Concept étudié dans le cadre du Théâtre Forum

Nous avons étudié en cours de philosophie le concept de violence dans le cadre de la mise en place par un groupe d’élèves et Bruno Aucante, comédien et metteur en scène de Barda Compagnie, d’un projet "Lycéens citoyens"  : le Théâtre Forum dont deux représentations ont été données au lycée George Sand, il y a peu de temps. (Cliquez sur les liens pour accéder à la rubrique et aux articles consacrés au projet.)

Qu’est-ce que la violence ? Comme la définiriez-vous ?

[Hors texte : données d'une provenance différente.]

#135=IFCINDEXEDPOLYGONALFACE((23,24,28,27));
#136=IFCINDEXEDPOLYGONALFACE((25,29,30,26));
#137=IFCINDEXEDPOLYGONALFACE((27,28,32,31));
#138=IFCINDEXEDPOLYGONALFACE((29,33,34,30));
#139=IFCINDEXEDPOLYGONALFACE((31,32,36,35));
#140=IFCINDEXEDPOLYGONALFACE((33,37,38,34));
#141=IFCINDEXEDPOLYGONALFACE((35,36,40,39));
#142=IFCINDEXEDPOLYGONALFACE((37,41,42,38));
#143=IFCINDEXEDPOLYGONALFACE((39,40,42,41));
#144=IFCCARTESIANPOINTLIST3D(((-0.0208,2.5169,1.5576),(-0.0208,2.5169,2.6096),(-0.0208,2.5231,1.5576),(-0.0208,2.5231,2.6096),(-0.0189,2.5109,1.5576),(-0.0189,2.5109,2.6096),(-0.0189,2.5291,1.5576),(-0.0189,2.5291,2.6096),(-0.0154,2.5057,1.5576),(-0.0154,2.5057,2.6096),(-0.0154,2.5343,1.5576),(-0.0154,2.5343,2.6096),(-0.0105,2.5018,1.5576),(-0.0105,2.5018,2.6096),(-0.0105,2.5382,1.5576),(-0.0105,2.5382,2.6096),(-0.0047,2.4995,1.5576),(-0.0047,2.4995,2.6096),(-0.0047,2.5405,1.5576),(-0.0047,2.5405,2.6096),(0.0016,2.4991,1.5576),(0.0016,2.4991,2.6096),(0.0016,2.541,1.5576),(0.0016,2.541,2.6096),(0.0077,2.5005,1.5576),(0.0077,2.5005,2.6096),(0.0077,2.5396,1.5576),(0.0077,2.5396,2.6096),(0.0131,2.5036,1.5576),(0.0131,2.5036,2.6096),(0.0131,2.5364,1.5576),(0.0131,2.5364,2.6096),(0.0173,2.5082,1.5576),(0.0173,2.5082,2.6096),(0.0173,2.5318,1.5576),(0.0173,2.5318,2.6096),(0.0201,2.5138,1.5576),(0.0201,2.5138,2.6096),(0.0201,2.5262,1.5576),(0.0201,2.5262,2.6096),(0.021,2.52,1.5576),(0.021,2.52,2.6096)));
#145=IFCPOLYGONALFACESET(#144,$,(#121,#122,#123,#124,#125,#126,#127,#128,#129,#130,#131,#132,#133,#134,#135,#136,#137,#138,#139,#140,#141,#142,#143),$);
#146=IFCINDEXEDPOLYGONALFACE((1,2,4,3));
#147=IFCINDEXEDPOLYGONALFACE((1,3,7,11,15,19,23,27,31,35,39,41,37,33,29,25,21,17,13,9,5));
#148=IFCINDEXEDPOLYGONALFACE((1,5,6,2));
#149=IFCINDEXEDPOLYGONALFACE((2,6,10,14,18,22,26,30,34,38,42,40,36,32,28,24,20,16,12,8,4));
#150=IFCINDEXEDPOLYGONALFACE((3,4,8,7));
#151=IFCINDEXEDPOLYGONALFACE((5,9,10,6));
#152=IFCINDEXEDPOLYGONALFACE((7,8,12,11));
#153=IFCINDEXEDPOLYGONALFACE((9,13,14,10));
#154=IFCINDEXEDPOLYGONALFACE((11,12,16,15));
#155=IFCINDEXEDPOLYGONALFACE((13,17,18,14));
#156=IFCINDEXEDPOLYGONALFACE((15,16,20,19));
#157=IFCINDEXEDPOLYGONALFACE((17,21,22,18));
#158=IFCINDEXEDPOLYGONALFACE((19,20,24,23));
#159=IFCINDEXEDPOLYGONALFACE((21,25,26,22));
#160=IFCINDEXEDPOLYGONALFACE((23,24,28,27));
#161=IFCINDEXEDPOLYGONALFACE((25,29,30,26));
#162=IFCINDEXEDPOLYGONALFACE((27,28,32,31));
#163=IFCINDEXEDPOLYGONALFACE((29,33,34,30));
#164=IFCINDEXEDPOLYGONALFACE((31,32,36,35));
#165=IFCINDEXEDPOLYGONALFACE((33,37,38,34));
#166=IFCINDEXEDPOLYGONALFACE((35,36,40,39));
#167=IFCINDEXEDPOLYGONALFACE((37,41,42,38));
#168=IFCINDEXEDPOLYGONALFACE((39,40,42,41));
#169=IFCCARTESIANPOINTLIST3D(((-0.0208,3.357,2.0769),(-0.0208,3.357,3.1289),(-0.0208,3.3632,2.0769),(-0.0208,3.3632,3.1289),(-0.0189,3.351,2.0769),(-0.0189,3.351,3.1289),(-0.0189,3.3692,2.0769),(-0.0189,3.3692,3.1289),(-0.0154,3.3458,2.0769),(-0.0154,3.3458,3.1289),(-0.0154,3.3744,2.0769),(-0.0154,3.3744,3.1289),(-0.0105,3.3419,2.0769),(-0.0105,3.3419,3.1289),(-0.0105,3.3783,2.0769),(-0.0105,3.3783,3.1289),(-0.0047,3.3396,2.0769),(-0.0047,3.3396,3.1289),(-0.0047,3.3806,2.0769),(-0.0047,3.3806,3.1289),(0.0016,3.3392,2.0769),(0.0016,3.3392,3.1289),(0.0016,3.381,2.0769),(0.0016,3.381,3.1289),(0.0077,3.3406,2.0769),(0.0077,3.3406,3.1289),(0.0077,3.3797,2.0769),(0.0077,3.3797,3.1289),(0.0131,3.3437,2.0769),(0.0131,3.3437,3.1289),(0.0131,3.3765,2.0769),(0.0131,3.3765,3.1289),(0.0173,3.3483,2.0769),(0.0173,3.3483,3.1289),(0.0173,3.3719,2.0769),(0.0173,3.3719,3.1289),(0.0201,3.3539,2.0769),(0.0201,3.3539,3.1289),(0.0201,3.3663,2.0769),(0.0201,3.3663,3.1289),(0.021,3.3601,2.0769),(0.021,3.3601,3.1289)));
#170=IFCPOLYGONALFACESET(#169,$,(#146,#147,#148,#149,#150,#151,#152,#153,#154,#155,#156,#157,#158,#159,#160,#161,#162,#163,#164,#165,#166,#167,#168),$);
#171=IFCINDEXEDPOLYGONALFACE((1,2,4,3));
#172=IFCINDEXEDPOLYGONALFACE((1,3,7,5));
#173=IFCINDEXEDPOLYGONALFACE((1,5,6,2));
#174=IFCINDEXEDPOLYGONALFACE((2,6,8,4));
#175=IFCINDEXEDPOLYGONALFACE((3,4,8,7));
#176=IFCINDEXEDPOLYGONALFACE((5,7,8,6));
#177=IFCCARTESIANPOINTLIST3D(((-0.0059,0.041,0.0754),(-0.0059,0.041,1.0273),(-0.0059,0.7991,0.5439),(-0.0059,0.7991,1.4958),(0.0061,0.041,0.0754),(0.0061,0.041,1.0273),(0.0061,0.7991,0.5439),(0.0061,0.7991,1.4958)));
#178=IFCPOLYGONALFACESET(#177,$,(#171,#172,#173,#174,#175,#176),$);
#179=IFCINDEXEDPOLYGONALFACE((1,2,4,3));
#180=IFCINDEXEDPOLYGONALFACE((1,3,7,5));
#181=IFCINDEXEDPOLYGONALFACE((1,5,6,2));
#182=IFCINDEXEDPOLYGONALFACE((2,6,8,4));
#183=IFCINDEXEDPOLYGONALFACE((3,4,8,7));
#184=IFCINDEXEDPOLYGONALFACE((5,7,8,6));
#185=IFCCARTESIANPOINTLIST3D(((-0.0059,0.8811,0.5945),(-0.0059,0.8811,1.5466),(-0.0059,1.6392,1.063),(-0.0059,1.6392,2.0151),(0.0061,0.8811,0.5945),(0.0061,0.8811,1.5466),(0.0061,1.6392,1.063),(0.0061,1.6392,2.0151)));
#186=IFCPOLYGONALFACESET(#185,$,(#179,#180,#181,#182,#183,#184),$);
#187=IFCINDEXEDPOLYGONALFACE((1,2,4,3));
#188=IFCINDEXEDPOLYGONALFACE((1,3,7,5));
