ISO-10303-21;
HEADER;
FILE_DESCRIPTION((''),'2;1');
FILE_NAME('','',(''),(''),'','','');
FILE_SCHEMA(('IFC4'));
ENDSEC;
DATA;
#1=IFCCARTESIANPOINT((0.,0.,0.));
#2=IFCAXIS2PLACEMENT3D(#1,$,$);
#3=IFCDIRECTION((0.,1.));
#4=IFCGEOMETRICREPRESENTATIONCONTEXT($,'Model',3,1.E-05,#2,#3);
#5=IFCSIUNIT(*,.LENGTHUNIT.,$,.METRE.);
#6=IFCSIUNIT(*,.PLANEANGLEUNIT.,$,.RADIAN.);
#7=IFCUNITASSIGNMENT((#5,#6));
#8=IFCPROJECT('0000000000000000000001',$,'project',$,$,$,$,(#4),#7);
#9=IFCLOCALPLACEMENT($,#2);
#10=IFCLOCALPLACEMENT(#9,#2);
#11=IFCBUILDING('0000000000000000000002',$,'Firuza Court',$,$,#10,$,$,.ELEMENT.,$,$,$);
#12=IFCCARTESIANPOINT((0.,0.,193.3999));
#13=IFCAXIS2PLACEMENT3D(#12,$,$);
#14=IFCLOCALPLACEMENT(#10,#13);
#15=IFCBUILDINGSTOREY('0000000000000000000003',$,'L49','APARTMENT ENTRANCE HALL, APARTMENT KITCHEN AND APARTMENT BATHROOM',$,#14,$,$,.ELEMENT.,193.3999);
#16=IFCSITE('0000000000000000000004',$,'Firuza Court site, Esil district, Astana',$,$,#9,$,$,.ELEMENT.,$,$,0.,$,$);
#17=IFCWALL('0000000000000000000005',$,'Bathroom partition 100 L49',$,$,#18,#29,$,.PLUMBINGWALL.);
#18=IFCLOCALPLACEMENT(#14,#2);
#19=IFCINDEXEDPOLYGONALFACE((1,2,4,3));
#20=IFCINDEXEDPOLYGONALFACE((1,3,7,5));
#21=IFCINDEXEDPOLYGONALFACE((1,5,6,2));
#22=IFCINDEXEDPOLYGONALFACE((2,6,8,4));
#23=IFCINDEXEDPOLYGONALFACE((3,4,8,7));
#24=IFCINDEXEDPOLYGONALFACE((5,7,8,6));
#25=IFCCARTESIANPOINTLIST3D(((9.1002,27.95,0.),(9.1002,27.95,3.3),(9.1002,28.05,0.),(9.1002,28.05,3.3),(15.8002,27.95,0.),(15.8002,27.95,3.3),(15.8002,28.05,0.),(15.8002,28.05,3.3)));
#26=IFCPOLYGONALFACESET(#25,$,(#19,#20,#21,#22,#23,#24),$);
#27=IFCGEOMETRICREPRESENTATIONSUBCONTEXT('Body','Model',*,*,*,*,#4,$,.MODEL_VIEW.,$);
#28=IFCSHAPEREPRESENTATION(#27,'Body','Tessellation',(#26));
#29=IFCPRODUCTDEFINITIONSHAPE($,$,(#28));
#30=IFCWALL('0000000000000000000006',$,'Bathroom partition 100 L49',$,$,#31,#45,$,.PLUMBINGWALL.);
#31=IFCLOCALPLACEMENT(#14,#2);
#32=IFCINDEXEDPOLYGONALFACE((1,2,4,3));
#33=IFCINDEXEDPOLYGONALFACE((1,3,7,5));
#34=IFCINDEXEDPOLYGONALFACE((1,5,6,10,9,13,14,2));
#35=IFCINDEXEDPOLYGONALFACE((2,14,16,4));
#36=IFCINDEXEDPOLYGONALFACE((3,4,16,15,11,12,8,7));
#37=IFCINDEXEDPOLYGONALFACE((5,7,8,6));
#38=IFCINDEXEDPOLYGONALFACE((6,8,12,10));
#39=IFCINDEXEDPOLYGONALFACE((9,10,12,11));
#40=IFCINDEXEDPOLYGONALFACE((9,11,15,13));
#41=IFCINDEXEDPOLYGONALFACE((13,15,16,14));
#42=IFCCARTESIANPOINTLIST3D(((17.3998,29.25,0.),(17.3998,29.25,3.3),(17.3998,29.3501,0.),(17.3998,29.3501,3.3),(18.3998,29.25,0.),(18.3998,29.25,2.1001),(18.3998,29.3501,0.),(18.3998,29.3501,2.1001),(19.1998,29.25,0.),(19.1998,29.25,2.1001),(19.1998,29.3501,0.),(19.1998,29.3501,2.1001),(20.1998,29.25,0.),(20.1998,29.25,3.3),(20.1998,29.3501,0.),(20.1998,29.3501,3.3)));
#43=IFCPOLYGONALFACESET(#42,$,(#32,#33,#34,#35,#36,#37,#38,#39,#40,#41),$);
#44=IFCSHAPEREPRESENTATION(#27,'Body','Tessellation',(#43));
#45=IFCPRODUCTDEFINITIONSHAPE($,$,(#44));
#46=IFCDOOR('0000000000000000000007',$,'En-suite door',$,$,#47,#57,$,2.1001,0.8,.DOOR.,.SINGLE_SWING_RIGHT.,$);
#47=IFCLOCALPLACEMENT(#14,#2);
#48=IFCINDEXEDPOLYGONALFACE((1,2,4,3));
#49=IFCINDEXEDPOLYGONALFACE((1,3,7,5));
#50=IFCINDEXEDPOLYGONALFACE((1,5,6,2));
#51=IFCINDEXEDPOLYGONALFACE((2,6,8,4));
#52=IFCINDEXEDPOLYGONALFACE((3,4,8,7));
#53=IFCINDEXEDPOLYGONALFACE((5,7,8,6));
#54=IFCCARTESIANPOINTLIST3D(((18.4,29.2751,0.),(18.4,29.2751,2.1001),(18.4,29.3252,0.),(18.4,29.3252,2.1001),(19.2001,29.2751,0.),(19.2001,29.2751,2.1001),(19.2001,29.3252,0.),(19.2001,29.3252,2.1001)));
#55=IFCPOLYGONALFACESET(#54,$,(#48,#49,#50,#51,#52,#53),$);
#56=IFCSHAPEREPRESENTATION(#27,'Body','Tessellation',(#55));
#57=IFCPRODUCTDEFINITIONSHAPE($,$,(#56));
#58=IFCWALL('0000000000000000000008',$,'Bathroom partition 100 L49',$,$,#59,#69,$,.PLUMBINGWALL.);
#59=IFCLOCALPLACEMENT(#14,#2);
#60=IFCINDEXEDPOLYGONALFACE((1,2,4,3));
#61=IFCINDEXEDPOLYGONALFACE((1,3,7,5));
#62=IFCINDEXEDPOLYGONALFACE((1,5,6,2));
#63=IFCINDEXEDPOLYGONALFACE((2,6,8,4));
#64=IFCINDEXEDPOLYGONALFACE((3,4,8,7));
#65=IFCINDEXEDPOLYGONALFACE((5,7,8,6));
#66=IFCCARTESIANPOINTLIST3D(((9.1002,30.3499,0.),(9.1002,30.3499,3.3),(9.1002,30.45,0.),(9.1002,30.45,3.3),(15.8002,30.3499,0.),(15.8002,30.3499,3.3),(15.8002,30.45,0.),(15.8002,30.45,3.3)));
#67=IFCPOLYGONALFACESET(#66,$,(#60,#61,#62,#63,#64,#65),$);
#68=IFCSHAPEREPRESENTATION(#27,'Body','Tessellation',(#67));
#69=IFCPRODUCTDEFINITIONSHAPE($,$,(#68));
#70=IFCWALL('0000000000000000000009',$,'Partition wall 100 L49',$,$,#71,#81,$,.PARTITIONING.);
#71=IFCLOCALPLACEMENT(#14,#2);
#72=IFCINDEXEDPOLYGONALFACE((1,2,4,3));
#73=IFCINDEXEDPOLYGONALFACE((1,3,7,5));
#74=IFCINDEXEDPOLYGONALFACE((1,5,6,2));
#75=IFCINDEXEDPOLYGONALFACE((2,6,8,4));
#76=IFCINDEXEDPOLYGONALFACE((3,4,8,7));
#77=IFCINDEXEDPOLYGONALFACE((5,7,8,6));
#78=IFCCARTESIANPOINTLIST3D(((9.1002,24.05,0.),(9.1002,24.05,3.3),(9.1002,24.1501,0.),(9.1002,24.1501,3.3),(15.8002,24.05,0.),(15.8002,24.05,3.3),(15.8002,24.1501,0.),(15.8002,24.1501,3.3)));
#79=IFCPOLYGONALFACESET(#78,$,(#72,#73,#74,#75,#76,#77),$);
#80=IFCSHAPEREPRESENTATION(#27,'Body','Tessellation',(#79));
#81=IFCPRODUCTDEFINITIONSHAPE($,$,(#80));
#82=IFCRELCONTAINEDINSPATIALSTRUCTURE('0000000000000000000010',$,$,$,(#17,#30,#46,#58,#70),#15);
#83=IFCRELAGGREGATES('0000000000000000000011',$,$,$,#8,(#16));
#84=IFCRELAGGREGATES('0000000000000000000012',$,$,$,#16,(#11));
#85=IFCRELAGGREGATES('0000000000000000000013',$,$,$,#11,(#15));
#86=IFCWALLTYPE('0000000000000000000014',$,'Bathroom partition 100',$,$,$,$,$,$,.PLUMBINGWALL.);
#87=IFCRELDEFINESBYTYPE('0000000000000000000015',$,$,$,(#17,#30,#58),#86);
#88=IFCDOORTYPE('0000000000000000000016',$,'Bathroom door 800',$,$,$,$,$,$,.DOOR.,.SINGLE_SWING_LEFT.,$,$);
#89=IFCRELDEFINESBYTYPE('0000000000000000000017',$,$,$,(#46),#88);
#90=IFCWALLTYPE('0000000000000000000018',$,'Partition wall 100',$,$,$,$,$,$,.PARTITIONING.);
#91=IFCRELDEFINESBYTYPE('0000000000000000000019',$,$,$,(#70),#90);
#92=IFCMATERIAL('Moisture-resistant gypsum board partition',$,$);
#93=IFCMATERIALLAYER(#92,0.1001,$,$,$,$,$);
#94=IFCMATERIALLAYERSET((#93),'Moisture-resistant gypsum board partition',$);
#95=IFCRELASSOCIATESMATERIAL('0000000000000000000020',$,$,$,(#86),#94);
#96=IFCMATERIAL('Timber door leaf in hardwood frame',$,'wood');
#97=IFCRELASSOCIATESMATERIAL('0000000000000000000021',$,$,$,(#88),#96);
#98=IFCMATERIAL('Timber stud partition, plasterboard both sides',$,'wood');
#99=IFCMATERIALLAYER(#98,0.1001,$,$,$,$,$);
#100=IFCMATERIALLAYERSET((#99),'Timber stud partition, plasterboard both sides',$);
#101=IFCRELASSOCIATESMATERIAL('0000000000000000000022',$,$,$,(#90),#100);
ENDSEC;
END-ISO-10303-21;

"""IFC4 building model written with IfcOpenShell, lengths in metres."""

from ifc_helpers import new_model, si_unit, direction, frame, frame_2d, origin, place, context, subcontext, project, spatial, rectangle, extrude, material, layer, layer_set, type_object, element, fill, save


model = new_model("IFC4")

# Units and contexts
model_context = context("Model", 3, precision=1e-05, world=origin(), true_north=direction((0.0, 1.0)))
body_context = subcontext(model_context, "Body", "Model", "MODEL_VIEW")
ifc_project = project(units=[si_unit("LENGTHUNIT", "METRE"), si_unit("PLANEANGLEUNIT", "RADIAN")], contexts=[model_context])

# Site, building, storey
site_placement = place(None, origin())
site = spatial("IfcSite", under=ifc_project, at=site_placement, Name="Firuza Court site, Esil district, Astana", CompositionType="ELEMENT", RefElevation=0.0)
building_placement = place(site_placement, origin())
building = spatial("IfcBuilding", under=site, at=building_placement, Name="Firuza Court", CompositionType="ELEMENT")
storey_placement = place(building_placement, frame((0.0, 0.0, 193.3999)))
storey = spatial("IfcBuildingStorey", under=building, at=storey_placement, Name="L49", Description="APARTMENT ENTRANCE HALL, APARTMENT KITCHEN AND APARTMENT BATHROOM", CompositionType="ELEMENT", Elevation=193.3999)

# Wall
ifc_material_1 = material(Name="Moisture-resistant gypsum board partition")
ifc_layer_1 = layer(ifc_material_1, 0.1001)
ifc_layer_set_1 = layer_set([ifc_layer_1], Name="Moisture-resistant gypsum board partition")
wall_type_1 = type_object("IfcWallType", Name="Bathroom partition 100", PredefinedType="PLUMBINGWALL", material=ifc_layer_set_1)
wall_1_placement = place(storey_placement, frame((9.1001, 28.0, 0.0), z_axis=(0.0, 0.0, 1.0), x_axis=(1.0, 0.0, 0.0)))
element("IfcWall", 1, at=wall_1_placement, inside=storey, type_object=wall_type_1, Name="Bathroom partition 100 L49", PredefinedType="PLUMBINGWALL", context=body_context, shape_type="SweptSolid", body=[
    extrude(rectangle(XDim=6.7, YDim=0.1001, at=frame_2d((3.3501, 0.0))), origin(), (0.0, 0.0, 1.0), 3.3),
])

# Wall, opening, door
wall_2_placement = place(storey_placement, frame((17.3999, 29.3, 0.0), z_axis=(0.0, 0.0, 1.0), x_axis=(1.0, 0.0, 0.0)))
wall_2 = element("IfcWall", 2, at=wall_2_placement, inside=storey, type_object=wall_type_1, Name="Bathroom partition 100 L49", PredefinedType="PLUMBINGWALL", context=body_context, shape_type="SweptSolid", body=[
    extrude(rectangle(XDim=2.8, YDim=0.1001, at=frame_2d((1.3999, 0.0))), origin(), (0.0, 0.0, 1.0), 3.3),
])
opening_1_placement = place(wall_2_placement, frame((1.0, 0.0, 0.0)))
opening_1 = element("IfcOpeningElement", 3, at=opening_1_placement, cuts=wall_2, PredefinedType="OPENING", context=body_context, shape_type="SweptSolid", body=[
    extrude(rectangle(XDim=0.8, YDim=2.1001, at=frame_2d((0.3999, 1.05))), frame((0.0, 0.062, 0.0), z_axis=(0.0, -1.0, 0.0), x_axis=(1.0, 0.0, 0.0)), (0.0, 0.0, 1.0), 0.124),
])
ifc_material_2 = material(Name="Timber door leaf in hardwood frame", Category="wood")
door_type_1 = type_object("IfcDoorType", Name="Bathroom door 800", OperationType="SINGLE_SWING_LEFT", PredefinedType="DOOR", material=ifc_material_2)
door_1_placement = place(opening_1_placement, frame((0.8, 0.0, 0.0), z_axis=(0.0, 0.0, 1.0), x_axis=(-1.0, 0.0, 0.0)))
door_1 = element("IfcDoor", 4, at=door_1_placement, inside=storey, type_object=door_type_1, Name="En-suite door", OperationType="SINGLE_SWING_RIGHT", OverallHeight=2.1001, OverallWidth=0.8, PredefinedType="DOOR", context=body_context, shape_type="SweptSolid", body=[
    extrude(rectangle(XDim=0.8, YDim=2.1001, at=frame_2d((0.3999, 1.05))), frame((0.0, 0.0249, 0.0), z_axis=(0.0, -1.0, 0.0), x_axis=(1.0, 0.0, 0.0)), (0.0, 0.0, 1.0), 0.05),
])
fill(opening_1, door_1)

# Walls
wall_3_placement = place(storey_placement, frame((9.1001, 30.3999, 0.0), z_axis=(0.0, 0.0, 1.0), x_axis=(1.0, 0.0, 0.0)))
element("IfcWall", 5, at=wall_3_placement, inside=storey, type_object=wall_type_1, Name="Bathroom partition 100 L49", PredefinedType="PLUMBINGWALL", context=body_context, shape_type="SweptSolid", body=[
    extrude(rectangle(XDim=6.7, YDim=0.1001, at=frame_2d((3.3501, 0.0))), origin(), (0.0, 0.0, 1.0), 3.3),
])
ifc_material_3 = material(Name="Timber stud partition, plasterboard both sides", Category="wood")
ifc_layer_2 = layer(ifc_material_3, 0.1001)
ifc_layer_set_2 = layer_set([ifc_layer_2], Name="Timber stud partition, plasterboard both sides")
wall_type_2 = type_object("IfcWallType", Name="Partition wall 100", PredefinedType="PARTITIONING", material=ifc_layer_set_2)
wall_4_placement = place(storey_placement, frame((9.1001, 24.1001, 0.0), z_axis=(0.0, 0.0, 1.0), x_axis=(1.0, 0.0, 0.0)))
element("IfcWall", 6, at=wall_4_placement, inside=storey, type_object=wall_type_2, Name="Partition wall 100 L49", PredefinedType="PARTITIONING", context=body_context, shape_type="SweptSolid", body=[
    extrude(rectangle(XDim=6.7, YDim=0.1001, at=frame_2d((3.3501, 0.0))), origin(), (0.0, 0.0, 1.0), 3.3),
])

save(model, "model.ifc")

Ah... n’est-ce pas ? C’est bien sûr une chose fort peu évidente à faire. 

Le concept de violence est paradoxal parce qu’à la fois nous y sommes habitués (à vrai dire, nous sommes habitués à en entendre parler en raison de la puissance des médias qui sont omniprésents) et qu’en même temps il est difficile à définir.

Il existe dans notre monde toutes sortes de violences : individuelles, collectives, physiques, morales, psychologiques, domestiques, politiques.

C’est ainsi qu’on peut parler d’une violence protéiforme, ou encore polymorphe.

Cependant, derrière toutes ces formes de violence se cache une violence symbolique.

La violence symbolique atteint l’image de soi, l’image du sujet (sujet vulnérable, impuissant, sentiments d’échec et de perte)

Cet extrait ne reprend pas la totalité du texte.